A startup team based in Ireland that includes some ex-musicians and fans of the potential inherent in augmented reality is building a company to essentially prove what Shakespeare wrote about all the world being a stage.
Firstage is the name of the company. Its app, currently in beta but available to download now on iOS and Android, lets musicians broadcast a kind of mini-gig, well, pretty much anywhere.
To do that, Firstage has been recording artists performing in front of a green screen. Users download the company’s app and print out a “stage” in the form of a small card that carries that company’s signature letter “F.” Hold the smartphone up to that, and presto — it looks like the musicians, albeit in miniature form, are right there playing just for you.
In tandem with the app-based virtual performance, the company has also been teaming up with places and events around its hometown of Dublin (think coffee shops and festivals) to offer performances for fans only viewable at a specific venue — or on a specific product’s packaging.
Says co-founder Neil Harrison, himself a former musician, Firstage isn’t meant to be a replacement — nor does the company have any illusions it ever could replace — acts needing to hit the road to get in front of fans.
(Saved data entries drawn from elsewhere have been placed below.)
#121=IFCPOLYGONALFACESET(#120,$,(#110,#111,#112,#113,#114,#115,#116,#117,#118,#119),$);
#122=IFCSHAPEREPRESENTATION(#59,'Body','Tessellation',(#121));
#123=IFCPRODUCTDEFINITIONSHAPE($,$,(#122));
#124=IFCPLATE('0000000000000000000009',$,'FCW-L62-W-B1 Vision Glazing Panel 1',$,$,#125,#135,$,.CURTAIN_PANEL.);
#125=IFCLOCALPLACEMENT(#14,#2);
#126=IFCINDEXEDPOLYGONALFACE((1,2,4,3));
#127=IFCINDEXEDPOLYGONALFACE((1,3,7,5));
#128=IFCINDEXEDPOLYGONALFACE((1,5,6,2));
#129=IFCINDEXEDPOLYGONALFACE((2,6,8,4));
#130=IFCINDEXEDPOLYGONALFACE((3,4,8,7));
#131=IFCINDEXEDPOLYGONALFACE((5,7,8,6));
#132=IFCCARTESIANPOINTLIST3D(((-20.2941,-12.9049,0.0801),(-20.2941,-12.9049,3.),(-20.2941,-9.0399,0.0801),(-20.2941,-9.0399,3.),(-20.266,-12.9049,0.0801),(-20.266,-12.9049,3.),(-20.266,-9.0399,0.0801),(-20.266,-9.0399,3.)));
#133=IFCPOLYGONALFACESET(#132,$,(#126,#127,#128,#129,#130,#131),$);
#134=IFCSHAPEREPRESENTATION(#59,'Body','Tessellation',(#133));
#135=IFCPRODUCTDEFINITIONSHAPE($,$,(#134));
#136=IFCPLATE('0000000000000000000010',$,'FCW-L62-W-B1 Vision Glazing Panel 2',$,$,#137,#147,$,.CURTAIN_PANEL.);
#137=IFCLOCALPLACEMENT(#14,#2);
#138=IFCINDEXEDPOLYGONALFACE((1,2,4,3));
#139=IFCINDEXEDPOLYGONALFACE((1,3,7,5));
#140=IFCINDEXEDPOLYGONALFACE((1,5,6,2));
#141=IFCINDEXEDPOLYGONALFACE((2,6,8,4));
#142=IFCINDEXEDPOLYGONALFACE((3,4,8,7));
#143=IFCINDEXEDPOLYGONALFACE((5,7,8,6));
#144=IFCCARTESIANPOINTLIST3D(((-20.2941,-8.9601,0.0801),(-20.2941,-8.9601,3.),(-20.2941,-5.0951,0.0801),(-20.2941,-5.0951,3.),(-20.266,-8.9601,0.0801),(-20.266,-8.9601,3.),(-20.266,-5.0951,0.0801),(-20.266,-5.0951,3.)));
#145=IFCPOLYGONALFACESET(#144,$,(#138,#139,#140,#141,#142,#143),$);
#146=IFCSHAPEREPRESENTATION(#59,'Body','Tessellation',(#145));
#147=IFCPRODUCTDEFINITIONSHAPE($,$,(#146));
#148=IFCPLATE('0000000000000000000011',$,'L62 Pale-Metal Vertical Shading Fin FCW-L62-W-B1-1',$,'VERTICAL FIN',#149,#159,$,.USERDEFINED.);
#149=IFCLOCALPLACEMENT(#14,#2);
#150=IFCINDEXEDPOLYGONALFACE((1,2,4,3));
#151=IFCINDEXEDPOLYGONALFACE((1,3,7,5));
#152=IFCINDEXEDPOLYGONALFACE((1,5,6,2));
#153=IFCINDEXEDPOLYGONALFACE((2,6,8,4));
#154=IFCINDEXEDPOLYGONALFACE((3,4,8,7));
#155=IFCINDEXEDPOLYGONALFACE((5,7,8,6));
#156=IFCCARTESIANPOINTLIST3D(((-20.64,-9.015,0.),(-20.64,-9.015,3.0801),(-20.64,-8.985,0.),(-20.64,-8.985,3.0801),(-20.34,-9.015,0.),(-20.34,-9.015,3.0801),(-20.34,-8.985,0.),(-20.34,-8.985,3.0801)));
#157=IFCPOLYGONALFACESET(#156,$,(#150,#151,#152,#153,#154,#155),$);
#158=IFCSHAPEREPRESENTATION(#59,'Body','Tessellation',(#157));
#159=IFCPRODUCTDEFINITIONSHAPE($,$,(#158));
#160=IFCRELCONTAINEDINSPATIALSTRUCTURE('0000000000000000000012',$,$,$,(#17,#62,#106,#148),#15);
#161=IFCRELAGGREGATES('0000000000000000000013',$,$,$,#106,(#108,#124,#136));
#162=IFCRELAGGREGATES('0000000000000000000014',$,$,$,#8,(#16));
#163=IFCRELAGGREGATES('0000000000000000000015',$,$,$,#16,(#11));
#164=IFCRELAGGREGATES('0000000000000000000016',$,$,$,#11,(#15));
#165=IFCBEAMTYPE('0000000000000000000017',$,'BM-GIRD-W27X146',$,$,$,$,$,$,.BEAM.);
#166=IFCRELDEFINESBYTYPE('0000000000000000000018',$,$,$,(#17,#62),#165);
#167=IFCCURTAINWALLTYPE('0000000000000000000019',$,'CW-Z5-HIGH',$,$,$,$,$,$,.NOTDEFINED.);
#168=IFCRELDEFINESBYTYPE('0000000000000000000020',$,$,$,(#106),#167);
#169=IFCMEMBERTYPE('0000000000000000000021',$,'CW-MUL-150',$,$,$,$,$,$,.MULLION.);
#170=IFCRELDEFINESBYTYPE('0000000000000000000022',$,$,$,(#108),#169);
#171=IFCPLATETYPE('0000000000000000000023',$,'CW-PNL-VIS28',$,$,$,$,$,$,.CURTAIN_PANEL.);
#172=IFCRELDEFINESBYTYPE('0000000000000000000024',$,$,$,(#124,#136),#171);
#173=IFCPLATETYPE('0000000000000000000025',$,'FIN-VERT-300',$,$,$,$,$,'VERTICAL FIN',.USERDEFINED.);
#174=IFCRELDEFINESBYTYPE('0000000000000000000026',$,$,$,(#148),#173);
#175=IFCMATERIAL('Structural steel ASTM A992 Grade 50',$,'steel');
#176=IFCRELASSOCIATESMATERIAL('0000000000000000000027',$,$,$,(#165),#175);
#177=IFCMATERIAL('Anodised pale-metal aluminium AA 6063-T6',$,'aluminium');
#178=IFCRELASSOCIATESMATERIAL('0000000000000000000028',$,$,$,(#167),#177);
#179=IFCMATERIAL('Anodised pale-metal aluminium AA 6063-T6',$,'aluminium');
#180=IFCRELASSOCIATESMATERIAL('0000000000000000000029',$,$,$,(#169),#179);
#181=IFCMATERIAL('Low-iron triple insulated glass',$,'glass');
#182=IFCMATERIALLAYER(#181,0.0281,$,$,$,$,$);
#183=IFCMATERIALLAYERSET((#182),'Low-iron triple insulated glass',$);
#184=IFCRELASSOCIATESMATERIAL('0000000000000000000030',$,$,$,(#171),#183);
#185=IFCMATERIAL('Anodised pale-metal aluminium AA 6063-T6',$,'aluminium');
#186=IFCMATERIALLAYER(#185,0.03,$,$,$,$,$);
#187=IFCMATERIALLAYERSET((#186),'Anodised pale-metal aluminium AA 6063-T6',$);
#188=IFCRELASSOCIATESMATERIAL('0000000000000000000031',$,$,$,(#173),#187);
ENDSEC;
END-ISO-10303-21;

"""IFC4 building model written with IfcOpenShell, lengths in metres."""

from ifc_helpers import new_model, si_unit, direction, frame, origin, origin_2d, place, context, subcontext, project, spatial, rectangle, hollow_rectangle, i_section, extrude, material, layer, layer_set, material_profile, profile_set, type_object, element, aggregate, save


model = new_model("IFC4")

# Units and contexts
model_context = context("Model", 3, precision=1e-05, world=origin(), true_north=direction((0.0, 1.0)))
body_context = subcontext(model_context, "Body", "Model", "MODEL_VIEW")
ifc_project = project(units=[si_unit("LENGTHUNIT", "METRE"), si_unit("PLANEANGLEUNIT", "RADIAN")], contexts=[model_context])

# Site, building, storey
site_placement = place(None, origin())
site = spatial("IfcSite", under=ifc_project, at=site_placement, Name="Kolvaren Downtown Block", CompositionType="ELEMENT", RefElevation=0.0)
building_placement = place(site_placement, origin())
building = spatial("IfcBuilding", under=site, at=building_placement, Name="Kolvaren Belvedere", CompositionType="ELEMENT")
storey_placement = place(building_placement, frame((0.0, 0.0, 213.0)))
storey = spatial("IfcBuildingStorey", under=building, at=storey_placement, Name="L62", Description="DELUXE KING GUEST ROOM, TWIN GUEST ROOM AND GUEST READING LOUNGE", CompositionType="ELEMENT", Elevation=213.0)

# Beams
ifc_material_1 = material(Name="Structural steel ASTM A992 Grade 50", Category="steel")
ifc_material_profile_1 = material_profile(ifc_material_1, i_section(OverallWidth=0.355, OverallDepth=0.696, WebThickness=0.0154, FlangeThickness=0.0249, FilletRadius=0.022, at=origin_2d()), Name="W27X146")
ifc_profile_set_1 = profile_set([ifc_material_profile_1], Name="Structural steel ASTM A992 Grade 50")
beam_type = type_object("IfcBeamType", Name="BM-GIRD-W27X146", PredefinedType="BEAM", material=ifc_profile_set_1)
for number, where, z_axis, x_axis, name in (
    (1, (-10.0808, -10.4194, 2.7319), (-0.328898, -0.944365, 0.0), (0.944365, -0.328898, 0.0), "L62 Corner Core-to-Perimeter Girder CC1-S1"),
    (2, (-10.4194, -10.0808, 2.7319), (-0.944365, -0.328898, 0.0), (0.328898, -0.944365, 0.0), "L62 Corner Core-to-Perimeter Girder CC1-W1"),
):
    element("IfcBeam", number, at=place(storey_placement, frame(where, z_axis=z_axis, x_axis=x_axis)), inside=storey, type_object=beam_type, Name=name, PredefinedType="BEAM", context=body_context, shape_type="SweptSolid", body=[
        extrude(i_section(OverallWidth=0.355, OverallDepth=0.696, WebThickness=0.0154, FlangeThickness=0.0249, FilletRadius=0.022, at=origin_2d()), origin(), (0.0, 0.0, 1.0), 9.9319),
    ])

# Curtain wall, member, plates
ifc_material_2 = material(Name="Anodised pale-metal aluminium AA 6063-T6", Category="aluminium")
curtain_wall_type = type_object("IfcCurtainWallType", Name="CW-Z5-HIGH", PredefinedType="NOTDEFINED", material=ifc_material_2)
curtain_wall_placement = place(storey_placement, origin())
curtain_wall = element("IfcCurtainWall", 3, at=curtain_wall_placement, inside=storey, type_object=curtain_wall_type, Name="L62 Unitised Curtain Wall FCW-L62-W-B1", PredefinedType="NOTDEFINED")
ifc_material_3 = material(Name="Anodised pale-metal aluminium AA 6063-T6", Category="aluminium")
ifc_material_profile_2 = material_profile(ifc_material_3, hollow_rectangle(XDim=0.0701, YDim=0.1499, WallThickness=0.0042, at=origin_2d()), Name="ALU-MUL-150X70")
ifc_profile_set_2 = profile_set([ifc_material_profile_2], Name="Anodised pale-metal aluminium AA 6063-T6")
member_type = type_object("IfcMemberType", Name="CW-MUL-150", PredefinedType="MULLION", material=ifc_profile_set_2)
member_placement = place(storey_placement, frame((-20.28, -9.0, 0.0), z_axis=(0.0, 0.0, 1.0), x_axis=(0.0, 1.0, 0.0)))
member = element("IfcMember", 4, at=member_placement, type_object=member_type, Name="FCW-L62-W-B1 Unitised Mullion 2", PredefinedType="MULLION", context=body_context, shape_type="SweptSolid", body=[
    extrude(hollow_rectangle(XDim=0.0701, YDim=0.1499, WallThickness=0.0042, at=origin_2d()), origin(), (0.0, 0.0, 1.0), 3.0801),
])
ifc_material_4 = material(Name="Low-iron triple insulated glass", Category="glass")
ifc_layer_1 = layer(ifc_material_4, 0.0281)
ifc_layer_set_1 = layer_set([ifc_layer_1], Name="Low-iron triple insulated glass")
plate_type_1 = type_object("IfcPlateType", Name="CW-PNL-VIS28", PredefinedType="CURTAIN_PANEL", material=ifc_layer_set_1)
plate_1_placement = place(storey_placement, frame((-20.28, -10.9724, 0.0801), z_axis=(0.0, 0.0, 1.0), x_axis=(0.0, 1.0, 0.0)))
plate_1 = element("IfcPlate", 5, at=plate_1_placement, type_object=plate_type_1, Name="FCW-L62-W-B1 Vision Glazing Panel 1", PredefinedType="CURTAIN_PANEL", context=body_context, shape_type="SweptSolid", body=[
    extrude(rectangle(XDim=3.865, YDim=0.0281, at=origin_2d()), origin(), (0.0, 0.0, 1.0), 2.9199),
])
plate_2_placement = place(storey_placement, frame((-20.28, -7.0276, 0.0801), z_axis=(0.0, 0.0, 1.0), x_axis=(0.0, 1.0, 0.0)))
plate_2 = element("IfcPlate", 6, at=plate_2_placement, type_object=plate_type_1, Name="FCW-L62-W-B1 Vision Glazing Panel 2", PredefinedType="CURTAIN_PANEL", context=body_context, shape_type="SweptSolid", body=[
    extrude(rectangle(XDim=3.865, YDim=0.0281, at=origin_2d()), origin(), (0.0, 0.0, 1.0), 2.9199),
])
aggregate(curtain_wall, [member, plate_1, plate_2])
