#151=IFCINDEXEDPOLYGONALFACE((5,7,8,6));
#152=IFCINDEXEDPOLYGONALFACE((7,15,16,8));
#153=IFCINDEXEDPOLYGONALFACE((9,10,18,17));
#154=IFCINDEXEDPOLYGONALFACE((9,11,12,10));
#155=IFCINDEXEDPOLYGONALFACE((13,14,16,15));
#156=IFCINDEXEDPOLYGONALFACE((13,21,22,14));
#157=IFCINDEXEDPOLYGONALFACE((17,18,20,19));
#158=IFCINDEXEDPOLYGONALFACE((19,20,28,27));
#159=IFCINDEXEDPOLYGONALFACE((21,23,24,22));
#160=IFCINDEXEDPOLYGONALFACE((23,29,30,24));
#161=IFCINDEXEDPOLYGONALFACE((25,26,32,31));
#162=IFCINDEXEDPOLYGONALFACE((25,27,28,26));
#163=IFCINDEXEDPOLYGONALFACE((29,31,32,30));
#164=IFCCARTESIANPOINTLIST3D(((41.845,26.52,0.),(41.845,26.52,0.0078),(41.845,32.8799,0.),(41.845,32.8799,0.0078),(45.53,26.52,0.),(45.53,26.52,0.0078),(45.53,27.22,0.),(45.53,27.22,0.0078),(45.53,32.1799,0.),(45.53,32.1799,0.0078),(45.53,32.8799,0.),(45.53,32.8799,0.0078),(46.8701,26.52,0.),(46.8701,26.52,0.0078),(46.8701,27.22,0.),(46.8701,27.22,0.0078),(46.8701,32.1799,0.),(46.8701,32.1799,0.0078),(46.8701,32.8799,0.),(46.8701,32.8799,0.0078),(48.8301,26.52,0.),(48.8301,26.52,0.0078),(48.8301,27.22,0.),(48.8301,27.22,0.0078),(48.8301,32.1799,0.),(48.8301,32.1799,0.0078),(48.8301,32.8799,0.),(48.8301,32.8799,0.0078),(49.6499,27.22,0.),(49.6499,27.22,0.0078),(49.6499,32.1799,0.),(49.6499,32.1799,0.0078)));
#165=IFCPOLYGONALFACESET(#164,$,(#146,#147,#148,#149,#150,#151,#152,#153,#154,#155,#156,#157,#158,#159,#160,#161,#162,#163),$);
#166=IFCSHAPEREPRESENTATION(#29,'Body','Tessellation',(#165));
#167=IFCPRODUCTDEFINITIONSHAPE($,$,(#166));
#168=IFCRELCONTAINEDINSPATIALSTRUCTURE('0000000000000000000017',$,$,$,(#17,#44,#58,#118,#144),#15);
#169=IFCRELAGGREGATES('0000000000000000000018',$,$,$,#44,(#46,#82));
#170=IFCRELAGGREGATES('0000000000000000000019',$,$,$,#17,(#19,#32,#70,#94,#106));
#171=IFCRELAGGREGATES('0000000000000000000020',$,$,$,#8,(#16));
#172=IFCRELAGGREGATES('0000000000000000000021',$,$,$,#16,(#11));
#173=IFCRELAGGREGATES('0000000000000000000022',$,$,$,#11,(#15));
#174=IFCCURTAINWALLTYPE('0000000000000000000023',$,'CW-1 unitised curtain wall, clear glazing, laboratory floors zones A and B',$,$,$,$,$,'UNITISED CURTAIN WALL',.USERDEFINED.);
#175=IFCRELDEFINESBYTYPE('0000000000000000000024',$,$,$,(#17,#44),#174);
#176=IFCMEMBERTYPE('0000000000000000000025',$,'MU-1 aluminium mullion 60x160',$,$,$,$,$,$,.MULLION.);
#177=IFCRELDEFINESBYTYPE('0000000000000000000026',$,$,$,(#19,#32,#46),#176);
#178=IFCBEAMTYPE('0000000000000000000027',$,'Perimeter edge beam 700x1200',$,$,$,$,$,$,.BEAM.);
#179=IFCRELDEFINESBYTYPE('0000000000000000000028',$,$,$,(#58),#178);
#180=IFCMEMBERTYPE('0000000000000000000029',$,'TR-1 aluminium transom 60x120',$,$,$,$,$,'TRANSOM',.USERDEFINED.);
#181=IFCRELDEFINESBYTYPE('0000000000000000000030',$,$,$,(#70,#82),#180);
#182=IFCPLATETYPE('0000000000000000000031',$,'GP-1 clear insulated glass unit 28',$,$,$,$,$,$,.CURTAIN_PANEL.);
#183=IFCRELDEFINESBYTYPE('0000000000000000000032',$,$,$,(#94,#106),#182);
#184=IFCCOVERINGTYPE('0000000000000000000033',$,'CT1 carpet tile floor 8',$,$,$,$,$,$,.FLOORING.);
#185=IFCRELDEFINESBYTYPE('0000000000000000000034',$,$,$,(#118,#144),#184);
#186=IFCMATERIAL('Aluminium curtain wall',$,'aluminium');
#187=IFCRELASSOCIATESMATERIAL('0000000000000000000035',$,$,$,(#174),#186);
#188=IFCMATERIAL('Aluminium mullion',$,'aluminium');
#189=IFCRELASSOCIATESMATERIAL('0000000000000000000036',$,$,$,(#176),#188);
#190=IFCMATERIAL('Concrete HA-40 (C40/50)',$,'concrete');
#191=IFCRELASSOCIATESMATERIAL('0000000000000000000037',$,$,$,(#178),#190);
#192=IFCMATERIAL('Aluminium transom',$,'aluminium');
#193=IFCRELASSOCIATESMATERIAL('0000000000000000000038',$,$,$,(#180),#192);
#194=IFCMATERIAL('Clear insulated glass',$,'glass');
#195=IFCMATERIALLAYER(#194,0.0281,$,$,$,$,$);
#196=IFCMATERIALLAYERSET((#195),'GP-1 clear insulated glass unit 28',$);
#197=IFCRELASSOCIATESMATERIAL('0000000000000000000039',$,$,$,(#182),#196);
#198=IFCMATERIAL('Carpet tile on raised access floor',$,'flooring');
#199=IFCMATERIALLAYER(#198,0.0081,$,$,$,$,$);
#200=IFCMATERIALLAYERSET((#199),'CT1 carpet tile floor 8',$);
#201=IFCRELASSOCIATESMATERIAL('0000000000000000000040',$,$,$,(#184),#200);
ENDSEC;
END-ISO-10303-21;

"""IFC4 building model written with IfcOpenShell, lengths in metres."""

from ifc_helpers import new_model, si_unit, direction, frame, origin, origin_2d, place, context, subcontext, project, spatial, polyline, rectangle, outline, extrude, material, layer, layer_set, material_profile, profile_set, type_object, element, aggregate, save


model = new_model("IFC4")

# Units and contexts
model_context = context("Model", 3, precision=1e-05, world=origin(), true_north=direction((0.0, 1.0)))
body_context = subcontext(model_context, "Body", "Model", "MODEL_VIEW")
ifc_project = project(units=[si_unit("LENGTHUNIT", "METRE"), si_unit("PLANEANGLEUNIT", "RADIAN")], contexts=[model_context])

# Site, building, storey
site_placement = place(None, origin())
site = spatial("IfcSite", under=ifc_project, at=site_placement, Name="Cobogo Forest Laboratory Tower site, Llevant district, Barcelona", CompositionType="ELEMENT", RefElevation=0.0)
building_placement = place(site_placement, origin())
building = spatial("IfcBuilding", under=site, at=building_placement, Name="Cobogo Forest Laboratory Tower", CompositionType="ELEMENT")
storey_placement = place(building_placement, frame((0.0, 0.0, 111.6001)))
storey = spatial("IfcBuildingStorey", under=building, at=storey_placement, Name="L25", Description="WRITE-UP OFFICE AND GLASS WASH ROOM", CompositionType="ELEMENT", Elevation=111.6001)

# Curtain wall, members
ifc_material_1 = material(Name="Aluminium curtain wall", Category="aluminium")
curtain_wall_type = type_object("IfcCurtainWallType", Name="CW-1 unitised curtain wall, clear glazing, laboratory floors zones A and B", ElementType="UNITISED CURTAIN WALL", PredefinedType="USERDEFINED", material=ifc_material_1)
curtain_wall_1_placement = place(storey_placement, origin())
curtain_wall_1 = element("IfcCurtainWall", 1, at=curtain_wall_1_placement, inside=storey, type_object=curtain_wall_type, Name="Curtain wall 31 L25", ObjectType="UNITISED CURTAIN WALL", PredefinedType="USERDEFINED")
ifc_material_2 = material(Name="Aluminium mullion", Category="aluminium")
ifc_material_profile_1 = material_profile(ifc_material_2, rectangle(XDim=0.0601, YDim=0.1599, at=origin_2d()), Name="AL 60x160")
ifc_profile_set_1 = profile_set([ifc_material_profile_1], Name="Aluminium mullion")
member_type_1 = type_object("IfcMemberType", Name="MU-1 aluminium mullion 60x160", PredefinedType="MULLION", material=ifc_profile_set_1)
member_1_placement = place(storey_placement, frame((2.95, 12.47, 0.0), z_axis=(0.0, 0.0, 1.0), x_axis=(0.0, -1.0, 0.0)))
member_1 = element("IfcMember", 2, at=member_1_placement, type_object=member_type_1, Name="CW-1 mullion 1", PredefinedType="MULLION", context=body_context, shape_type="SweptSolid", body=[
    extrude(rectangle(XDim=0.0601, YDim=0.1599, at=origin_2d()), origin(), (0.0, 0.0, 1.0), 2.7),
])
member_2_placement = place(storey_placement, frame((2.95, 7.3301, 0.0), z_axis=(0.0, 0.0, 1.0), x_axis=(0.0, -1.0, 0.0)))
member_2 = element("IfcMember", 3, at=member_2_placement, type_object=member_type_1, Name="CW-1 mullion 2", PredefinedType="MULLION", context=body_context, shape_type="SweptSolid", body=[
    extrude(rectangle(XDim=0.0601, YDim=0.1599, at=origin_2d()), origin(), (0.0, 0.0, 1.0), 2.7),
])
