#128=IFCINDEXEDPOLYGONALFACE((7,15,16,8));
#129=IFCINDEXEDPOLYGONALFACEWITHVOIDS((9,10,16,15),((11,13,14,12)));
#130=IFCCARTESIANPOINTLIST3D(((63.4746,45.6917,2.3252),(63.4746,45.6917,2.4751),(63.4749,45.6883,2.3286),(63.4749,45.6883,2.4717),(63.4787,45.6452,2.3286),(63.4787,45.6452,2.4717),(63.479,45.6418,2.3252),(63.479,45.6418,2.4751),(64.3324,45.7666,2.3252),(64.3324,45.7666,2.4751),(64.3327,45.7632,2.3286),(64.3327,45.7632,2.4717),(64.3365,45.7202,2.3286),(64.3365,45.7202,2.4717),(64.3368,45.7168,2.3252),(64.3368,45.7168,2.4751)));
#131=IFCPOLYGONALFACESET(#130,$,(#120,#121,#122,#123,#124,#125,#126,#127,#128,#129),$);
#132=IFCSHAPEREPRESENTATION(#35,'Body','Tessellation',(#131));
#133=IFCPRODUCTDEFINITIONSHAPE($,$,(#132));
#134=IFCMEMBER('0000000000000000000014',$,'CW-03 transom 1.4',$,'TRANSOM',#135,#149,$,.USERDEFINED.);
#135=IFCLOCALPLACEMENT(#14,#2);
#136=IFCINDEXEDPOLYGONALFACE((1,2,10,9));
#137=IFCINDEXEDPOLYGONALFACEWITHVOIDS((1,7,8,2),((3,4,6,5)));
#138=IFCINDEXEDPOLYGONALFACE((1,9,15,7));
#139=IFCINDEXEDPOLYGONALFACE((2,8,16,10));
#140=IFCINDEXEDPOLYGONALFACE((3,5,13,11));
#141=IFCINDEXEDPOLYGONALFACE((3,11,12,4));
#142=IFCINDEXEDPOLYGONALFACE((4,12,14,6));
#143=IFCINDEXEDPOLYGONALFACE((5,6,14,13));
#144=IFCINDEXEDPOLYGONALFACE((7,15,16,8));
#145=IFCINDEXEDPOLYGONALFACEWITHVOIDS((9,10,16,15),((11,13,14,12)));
What it represents, instead, is one more way to reach fans where they are, and one more source of potential revenue at a time when… well, who really needs to be reminded anymore how comprehensively things have changed when it comes to making money in the music business?
Harrison, formerly a vocalist for the band Beat Antenna, met Firstage co-founder Keith Lawler (a former drummer for the band giveamanakick) while working at the Saatchi & Saatchi advertising agency in Dubai. Their marketing work, plus seeing first-hand how tough it is for a working musician to make a living, convinced them to try to build something together.
Harrison and Lawler don’t perform themselves anymore (“This is keeping us away from the leather trousers in our wardrobes). But they’re still close enough to the musician’s life that it meant something to them to try to improve it.